XEN-D0501, a Novel TRPV1 Antagonist, Does Not Reduce Cough in Refractory Cough Patients

Research output: Contribution to journalArticlepeer-review

  • External authors:
  • Maria G Belvisi
  • Mark A Birrell
  • Michael A. Wortley
  • Sarah A. Maher
  • Imran Satia
  • Huda Badri
  • Patrick Round
  • Lorcan McGarvey
  • John Ford

Abstract

RATIONALE: Heightened cough responses to inhaled capsaicin, a TRPV1 agonist, are characteristic of patients with chronic cough. However, previously a TRPV1 antagonist (SB-705498) failed to improve spontaneous cough frequency in these patients despite small reductions in capsaicin-evoked cough.

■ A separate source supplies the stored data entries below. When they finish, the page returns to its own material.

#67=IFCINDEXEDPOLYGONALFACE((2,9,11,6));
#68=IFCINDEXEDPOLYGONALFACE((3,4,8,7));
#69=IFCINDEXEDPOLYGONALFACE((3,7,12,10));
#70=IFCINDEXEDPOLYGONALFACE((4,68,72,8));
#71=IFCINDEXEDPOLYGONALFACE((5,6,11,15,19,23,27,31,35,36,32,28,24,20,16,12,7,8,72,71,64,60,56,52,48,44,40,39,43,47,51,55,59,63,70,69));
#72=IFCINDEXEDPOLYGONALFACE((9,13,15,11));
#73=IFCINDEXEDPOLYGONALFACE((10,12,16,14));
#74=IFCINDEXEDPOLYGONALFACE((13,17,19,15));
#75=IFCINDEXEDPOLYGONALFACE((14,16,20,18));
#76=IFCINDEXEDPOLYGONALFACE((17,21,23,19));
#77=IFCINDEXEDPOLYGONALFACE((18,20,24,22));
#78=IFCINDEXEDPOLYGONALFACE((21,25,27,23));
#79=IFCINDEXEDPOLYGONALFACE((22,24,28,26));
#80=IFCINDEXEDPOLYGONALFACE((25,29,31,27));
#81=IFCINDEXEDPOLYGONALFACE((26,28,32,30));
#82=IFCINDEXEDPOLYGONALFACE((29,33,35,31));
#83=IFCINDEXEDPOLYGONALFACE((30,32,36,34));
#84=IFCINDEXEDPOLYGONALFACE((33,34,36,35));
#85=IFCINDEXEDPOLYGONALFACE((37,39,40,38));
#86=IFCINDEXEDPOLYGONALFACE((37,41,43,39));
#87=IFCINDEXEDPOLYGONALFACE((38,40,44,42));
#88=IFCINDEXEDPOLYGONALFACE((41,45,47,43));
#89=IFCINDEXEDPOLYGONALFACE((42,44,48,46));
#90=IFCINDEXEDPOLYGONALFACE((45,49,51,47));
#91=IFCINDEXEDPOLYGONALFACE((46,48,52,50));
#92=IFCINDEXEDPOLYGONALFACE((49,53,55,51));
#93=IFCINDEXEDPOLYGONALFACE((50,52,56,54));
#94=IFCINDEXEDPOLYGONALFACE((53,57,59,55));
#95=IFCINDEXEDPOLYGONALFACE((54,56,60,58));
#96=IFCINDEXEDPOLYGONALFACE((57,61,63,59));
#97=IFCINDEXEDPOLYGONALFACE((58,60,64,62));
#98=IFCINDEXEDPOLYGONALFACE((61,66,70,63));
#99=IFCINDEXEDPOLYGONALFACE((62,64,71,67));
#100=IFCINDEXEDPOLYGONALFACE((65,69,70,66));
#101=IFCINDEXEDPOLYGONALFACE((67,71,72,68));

OBJECTIVES: XEN-D0501 (potent TRPV1 antagonist) was compared with SB-705498 in pre-clinical studies to establish whether an improved efficacy profile would support a further clinical trial of XEN-D0501 in refractory chronic cough.

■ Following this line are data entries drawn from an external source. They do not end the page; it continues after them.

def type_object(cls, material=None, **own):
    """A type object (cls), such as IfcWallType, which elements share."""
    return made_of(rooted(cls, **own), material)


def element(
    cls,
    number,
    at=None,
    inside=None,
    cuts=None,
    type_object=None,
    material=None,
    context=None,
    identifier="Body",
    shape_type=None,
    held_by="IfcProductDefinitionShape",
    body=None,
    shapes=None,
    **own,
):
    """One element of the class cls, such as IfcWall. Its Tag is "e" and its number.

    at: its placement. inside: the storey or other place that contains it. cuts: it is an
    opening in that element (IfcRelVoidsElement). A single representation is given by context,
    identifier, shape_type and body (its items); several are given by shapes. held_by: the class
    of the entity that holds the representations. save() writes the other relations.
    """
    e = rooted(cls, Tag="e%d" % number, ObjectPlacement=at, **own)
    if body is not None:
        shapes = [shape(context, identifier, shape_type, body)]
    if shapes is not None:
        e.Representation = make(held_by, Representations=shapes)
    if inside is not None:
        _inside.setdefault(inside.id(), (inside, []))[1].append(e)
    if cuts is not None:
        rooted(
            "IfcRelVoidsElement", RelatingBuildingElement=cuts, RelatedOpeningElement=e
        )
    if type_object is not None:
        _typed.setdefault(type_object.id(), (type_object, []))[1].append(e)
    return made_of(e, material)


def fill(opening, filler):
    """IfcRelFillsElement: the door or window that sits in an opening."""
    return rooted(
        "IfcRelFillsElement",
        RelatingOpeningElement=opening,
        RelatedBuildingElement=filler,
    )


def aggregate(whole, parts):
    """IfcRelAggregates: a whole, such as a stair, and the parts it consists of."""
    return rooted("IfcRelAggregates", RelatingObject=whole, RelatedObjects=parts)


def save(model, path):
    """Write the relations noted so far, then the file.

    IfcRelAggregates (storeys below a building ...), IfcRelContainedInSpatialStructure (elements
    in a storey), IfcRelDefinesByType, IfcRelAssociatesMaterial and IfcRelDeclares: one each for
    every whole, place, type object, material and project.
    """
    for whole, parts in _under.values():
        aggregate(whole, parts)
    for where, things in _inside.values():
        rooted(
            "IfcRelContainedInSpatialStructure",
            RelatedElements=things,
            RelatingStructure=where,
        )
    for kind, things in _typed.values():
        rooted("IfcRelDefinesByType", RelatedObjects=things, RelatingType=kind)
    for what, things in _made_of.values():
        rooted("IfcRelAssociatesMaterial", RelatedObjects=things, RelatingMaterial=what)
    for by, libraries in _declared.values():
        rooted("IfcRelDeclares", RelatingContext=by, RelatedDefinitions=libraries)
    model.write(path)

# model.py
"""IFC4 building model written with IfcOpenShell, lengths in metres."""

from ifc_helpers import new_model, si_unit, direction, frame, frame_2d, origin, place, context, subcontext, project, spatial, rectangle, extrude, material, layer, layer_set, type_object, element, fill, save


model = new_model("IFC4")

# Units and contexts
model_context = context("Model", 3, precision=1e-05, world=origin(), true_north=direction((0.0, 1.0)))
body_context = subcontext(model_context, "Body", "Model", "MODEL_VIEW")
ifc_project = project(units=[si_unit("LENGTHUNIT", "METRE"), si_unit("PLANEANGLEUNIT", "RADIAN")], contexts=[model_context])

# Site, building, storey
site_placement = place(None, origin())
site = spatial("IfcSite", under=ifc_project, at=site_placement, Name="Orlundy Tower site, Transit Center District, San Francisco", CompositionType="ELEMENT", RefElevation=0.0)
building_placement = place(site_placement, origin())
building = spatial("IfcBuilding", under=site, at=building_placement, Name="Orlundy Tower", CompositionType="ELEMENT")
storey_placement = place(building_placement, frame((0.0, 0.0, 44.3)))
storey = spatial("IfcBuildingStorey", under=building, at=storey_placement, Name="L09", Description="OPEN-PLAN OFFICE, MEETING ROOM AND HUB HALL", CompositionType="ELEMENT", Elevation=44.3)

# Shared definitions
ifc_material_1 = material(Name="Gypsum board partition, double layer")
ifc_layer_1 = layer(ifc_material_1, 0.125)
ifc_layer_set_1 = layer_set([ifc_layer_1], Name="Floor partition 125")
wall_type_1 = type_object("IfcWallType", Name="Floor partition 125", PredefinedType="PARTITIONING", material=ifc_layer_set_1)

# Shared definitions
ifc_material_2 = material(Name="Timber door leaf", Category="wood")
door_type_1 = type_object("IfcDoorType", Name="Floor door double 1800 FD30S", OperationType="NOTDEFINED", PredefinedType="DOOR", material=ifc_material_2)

METHODS: XEN-D0501 and SB-705498 were profiled against capsaicin in a sensory nerve activation assay and in vivo potency established against capsaicin-induced cough in the guinea pig. Twenty patients with refractory chronic cough participated in a double-blind, randomised, placebo-controlled, crossover study evaluating the effect of 14 days XEN-D0501 (oral, 4mg bd) versus placebo on awake cough frequency (primary outcome), capsaicin-evoked cough and patient reported outcomes.

MEASUREMENTS AND MAIN RESULTS: XEN-D0501 was more efficacious and 1000-fold more potent than SB-705498 at inhibiting capsaicin-induced depolarization of guinea pig and human isolated vagus. In vivo, XEN-D0501 completely inhibited capsaicin-induced cough whereas 100-times more SB-705498 was required to achieve the same effect. In patients, XEN-D0501 substantially reduced maximal cough responses to capsaicin (mean change from baseline XEN-D0501 -19.3(±16.4) coughs vs. placebo -1.8(±5.8), p<0.0001), but not spontaneous awake cough frequency (mean change from baseline XEN-D0501 6.7c/h(±16.9) vs. placebo 0.4c/h(±13.7), p =0.41).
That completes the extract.